Leave warning_level empty (not 0) for taxa where no threshold applies.

Adding stations permanently to the package

Stations fetched from SHARK at runtime are only available on the computer where they were fetched. To bundle a station so it is available on all installations:

For AlgAware spatial bin-matching and the chlorophyll map:

Add a row to inst/stations/algaware_stations.tsv:

"NEW STATION"   "EAST"  "New Stn"
  • STATION_NAME must match the canonical name used in SHARK.
  • COAST is EAST for Baltic Sea or WEST for West Coast.
  • STATION_NAME_SHORT is the label used in plots (keep it short).

For CTD profile and Chl-a time-series panels:

  1. Add the station name to the station_list array in inst/extdata/standard_stations.yaml.
  2. Add a StationName: "Region name" line in the same file.
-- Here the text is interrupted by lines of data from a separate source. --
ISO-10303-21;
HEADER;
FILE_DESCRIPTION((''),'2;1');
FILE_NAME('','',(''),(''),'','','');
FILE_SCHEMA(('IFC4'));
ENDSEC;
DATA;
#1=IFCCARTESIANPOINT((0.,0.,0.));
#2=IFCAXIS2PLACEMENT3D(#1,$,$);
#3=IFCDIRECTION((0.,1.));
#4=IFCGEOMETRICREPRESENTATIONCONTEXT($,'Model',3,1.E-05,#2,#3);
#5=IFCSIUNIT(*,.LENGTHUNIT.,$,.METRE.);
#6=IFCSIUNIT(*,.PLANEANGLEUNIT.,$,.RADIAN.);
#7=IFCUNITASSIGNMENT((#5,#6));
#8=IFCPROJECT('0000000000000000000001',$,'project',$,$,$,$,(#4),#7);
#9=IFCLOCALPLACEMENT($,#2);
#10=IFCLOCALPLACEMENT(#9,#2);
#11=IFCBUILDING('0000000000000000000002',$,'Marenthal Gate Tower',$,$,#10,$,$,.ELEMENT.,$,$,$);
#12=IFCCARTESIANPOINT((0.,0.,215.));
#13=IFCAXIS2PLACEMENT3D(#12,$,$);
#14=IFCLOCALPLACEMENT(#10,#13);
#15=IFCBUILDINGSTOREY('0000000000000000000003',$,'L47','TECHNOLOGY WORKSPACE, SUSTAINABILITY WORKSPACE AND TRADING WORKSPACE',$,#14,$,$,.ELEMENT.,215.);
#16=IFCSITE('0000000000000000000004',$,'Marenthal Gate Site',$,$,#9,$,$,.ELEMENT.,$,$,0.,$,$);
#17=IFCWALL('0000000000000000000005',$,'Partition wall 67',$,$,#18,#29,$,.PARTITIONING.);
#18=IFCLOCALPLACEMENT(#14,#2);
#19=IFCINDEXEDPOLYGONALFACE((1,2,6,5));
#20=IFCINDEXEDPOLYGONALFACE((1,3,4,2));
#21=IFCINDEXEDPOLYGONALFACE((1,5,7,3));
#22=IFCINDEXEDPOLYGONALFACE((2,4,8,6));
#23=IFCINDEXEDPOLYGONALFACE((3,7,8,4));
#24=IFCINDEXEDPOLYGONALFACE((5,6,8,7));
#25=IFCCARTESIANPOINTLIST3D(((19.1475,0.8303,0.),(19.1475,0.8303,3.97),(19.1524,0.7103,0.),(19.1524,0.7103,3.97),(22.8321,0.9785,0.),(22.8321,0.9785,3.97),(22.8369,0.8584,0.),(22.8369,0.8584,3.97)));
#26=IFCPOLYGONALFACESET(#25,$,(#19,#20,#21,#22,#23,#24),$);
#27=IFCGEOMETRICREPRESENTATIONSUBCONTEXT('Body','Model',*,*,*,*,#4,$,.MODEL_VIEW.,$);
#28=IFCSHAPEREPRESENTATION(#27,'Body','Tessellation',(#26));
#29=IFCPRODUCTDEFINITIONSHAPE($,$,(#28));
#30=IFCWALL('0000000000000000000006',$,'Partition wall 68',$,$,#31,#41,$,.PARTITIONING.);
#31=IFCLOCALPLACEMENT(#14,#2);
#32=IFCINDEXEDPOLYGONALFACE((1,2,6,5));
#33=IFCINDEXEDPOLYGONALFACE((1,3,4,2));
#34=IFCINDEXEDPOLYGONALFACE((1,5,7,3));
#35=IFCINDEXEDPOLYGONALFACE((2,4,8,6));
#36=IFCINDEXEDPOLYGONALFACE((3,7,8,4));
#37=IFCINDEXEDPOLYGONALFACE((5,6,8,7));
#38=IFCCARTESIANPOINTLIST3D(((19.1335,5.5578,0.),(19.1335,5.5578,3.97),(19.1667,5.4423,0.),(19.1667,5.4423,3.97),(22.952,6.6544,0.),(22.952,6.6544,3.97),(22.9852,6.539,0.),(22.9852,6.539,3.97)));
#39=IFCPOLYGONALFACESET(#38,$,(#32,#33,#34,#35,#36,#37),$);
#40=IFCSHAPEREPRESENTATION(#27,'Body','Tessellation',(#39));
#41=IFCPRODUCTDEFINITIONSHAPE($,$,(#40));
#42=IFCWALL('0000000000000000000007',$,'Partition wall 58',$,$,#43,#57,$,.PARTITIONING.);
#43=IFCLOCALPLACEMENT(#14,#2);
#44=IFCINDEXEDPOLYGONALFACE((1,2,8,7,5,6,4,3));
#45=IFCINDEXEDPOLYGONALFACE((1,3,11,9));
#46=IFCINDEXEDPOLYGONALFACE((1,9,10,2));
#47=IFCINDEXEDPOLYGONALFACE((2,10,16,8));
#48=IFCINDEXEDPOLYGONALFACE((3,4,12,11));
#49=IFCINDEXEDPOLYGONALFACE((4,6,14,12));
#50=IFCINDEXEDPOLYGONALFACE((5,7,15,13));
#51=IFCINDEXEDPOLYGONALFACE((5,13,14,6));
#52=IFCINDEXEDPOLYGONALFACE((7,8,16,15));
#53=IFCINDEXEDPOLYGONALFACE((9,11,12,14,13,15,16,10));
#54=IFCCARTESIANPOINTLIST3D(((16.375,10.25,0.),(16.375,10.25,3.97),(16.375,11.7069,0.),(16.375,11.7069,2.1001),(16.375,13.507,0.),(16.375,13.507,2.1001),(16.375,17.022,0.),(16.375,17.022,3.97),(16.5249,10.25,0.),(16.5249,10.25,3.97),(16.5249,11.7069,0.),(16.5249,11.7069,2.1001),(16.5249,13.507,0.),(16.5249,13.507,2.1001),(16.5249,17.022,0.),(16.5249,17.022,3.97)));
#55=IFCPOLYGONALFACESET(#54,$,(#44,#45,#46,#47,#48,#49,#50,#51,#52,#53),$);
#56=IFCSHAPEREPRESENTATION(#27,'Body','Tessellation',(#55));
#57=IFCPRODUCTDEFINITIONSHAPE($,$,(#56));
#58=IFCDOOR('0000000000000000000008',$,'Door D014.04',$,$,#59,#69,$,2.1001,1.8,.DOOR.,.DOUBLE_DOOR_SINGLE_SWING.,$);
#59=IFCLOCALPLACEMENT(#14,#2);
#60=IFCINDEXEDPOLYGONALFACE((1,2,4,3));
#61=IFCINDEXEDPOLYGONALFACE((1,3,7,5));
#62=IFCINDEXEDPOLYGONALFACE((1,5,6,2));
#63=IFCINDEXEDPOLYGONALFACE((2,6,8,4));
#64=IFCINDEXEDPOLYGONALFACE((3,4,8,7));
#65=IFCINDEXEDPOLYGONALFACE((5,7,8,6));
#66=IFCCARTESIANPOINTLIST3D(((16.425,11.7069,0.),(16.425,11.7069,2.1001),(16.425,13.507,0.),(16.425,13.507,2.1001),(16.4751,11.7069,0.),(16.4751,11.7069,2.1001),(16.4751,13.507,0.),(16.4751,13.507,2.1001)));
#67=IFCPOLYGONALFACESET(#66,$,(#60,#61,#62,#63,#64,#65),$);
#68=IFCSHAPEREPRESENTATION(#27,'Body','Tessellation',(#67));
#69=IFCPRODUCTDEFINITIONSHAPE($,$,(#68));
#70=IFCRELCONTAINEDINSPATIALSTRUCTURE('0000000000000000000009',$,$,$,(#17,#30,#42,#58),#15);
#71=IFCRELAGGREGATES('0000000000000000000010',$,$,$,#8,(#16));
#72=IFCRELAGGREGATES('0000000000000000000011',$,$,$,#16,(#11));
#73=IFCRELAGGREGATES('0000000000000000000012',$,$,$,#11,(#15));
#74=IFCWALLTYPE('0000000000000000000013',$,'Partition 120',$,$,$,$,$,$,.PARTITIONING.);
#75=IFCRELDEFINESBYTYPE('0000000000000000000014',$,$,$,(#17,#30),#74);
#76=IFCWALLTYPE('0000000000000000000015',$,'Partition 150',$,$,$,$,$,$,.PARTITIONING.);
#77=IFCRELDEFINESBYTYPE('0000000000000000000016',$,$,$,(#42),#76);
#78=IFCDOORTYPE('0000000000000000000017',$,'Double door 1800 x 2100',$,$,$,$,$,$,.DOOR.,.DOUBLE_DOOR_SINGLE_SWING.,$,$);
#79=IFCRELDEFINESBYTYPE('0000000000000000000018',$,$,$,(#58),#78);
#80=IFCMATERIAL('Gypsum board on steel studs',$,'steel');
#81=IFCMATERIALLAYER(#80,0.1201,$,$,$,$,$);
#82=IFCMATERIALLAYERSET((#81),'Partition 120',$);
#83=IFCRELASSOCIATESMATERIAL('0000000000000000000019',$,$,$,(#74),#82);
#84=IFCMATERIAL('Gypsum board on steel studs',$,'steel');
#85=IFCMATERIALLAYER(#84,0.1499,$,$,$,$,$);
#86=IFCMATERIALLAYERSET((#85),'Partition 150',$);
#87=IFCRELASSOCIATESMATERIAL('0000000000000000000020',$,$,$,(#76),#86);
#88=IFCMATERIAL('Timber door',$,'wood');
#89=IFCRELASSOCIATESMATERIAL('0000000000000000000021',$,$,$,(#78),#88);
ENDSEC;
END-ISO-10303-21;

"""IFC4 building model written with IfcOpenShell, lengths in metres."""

from ifc_helpers import new_model, si_unit, direction, frame, frame_2d, origin, place, context, subcontext, project, spatial, rectangle, extrude, material, layer, layer_set, type_object, element, fill, save


model = new_model("IFC4")

# Units and contexts
model_context = context("Model", 3, precision=1e-05, world=origin(), true_north=direction((0.0, 1.0)))
body_context = subcontext(model_context, "Body", "Model", "MODEL_VIEW")
ifc_project = project(units=[si_unit("LENGTHUNIT", "METRE"), si_unit("PLANEANGLEUNIT", "RADIAN")], contexts=[model_context])

# Site, building, storey
site_placement = place(None, origin())
site = spatial("IfcSite", under=ifc_project, at=site_placement, Name="Marenthal Gate Site", CompositionType="ELEMENT", RefElevation=0.0)
building_placement = place(site_placement, origin())
building = spatial("IfcBuilding", under=site, at=building_placement, Name="Marenthal Gate Tower", CompositionType="ELEMENT")
storey_placement = place(building_placement, frame((0.0, 0.0, 215.0)))
storey = spatial("IfcBuildingStorey", under=building, at=storey_placement, Name="L47", Description="TECHNOLOGY WORKSPACE, SUSTAINABILITY WORKSPACE AND TRADING WORKSPACE", CompositionType="ELEMENT", Elevation=215.0)

# Walls
ifc_material_1 = material(Name="Gypsum board on steel studs", Category="steel")
ifc_layer_1 = layer(ifc_material_1, 0.1201)
ifc_layer_set_1 = layer_set([ifc_layer_1], Name="Partition 120")
wall_type_1 = type_object("IfcWallType", Name="Partition 120", PredefinedType="PARTITIONING", material=ifc_layer_set_1)
wall_1_placement = place(storey_placement, frame((22.8345, 0.9185, 0.0), z_axis=(0.0, 0.0, 1.0), x_axis=(-0.999192, -0.040187, 0.0)))
element("IfcWall", 1, at=wall_1_placement, inside=storey, type_object=wall_type_1, Name="Partition wall 67", PredefinedType="PARTITIONING", context=body_context, shape_type="SweptSolid", body=[
    extrude(rectangle(XDim=3.6875, YDim=0.1201, at=frame_2d((1.8438, 0.0))), origin(), (0.0, 0.0, 1.0), 3.97),
])
wall_2_placement = place(storey_placement, frame((22.9685, 6.5967, 0.0), z_axis=(0.0, 0.0, 1.0), x_axis=(-0.961147, -0.276036, 0.0)))
element("IfcWall", 2, at=wall_2_placement, inside=storey, type_object=wall_type_1, Name="Partition wall 68", PredefinedType="PARTITIONING", context=body_context, shape_type="SweptSolid", body=[
    extrude(rectangle(XDim=3.9729, YDim=0.1201, at=frame_2d((1.9863, 0.0))), origin(), (0.0, 0.0, 1.0), 3.97),
])

# Wall, opening, door
ifc_material_2 = material(Name="Gypsum board on steel studs", Category="steel")
ifc_layer_2 = layer(ifc_material_2, 0.1499)
ifc_layer_set_2 = layer_set([ifc_layer_2], Name="Partition 150")
wall_type_2 = type_object("IfcWallType", Name="Partition 150", PredefinedType="PARTITIONING", material=ifc_layer_set_2)
wall_3_placement = place(storey_placement, frame((16.45, 10.25, 0.0), z_axis=(0.0, 0.0, 1.0), x_axis=(0.0, 1.0, 0.0)))
wall_3 = element("IfcWall", 3, at=wall_3_placement, inside=storey, type_object=wall_type_2, Name="Partition wall 58", PredefinedType="PARTITIONING", context=body_context, shape_type="SweptSolid", body=[
    extrude(rectangle(XDim=6.772, YDim=0.1499, at=frame_2d((3.386, 0.0))), origin(), (0.0, 0.0, 1.0), 3.97),
])
opening_placement = place(wall_3_placement, frame((1.457, 0.0, 0.0)))
opening = element("IfcOpeningElement", 4, at=opening_placement, cuts=wall_3, PredefinedType="OPENING", context=body_context, shape_type="SweptSolid", body=[
    extrude(rectangle(XDim=1.8, YDim=2.1001, at=frame_2d((0.8999, 1.05))), frame((0.0, 0.085, 0.0), z_axis=(0.0, -1.0, 0.0), x_axis=(1.0, 0.0, 0.0)), (0.0, 0.0, 1.0), 0.1699),
])
ifc_material_3 = material(Name="Timber door", Category="wood")
door_type = type_object("IfcDoorType", Name="Double door 1800 x 2100", OperationType="DOUBLE_DOOR_SINGLE_SWING", PredefinedType="DOOR", material=ifc_material_3)
door_placement = place(opening_placement, origin())
door = element("IfcDoor", 5, at=door_placement, inside=storey, type_object=door_type, Name="Door D014.04", OperationType="DOUBLE_DOOR_SINGLE_SWING", OverallHeight=2.1001, OverallWidth=1.8, PredefinedType="DOOR", context=body_context, shape_type="SweptSolid", body=[
    extrude(rectangle(XDim=1.8, YDim=2.1001, at=frame_2d((0.8999, 1.05))), frame((0.0, 0.0249, 0.0), z_axis=(0.0, -1.0, 0.0), x_axis=(1.0, 0.0, 0.0)), (0.0, 0.0, 1.0), 0.05),
])
fill(opening, door)

save(model, "model.ifc")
Use one of the existing region names or add a new region (a new region will create a new panel group in the CTD section of the report).

For raw station name synonym resolution:

If the station name as it appears in CNV file headers or LIMS exports differs from the canonical name, add a row to inst/extdata/station_mapper.txt:

NEW STATION RAW SYNONYM NEW STATION

The synonym column is matched case-insensitively. Prefix matching is also applied, so NEW STATION (EXTRA TEXT) will resolve correctly without an explicit entry.

Updating the historical Chl-a climatology

inst/extdata/annual_1991-2020_statistics_chl20m.txt contains monthly mean and standard deviation Chl-a values for each standard station, used as the grey ribbon in the CTD time-series panels. The file is tab-delimited with columns STATN, STNCODE, MONTH, CHLA:mean, CHLA:std, CHLA:number_of_values.

When SMHI adopts a new climatological period (e.g. 1991–2020 → 2001–2030), replace this file with the updated statistics and update the filename and legend labels in R/ctd_plots.R.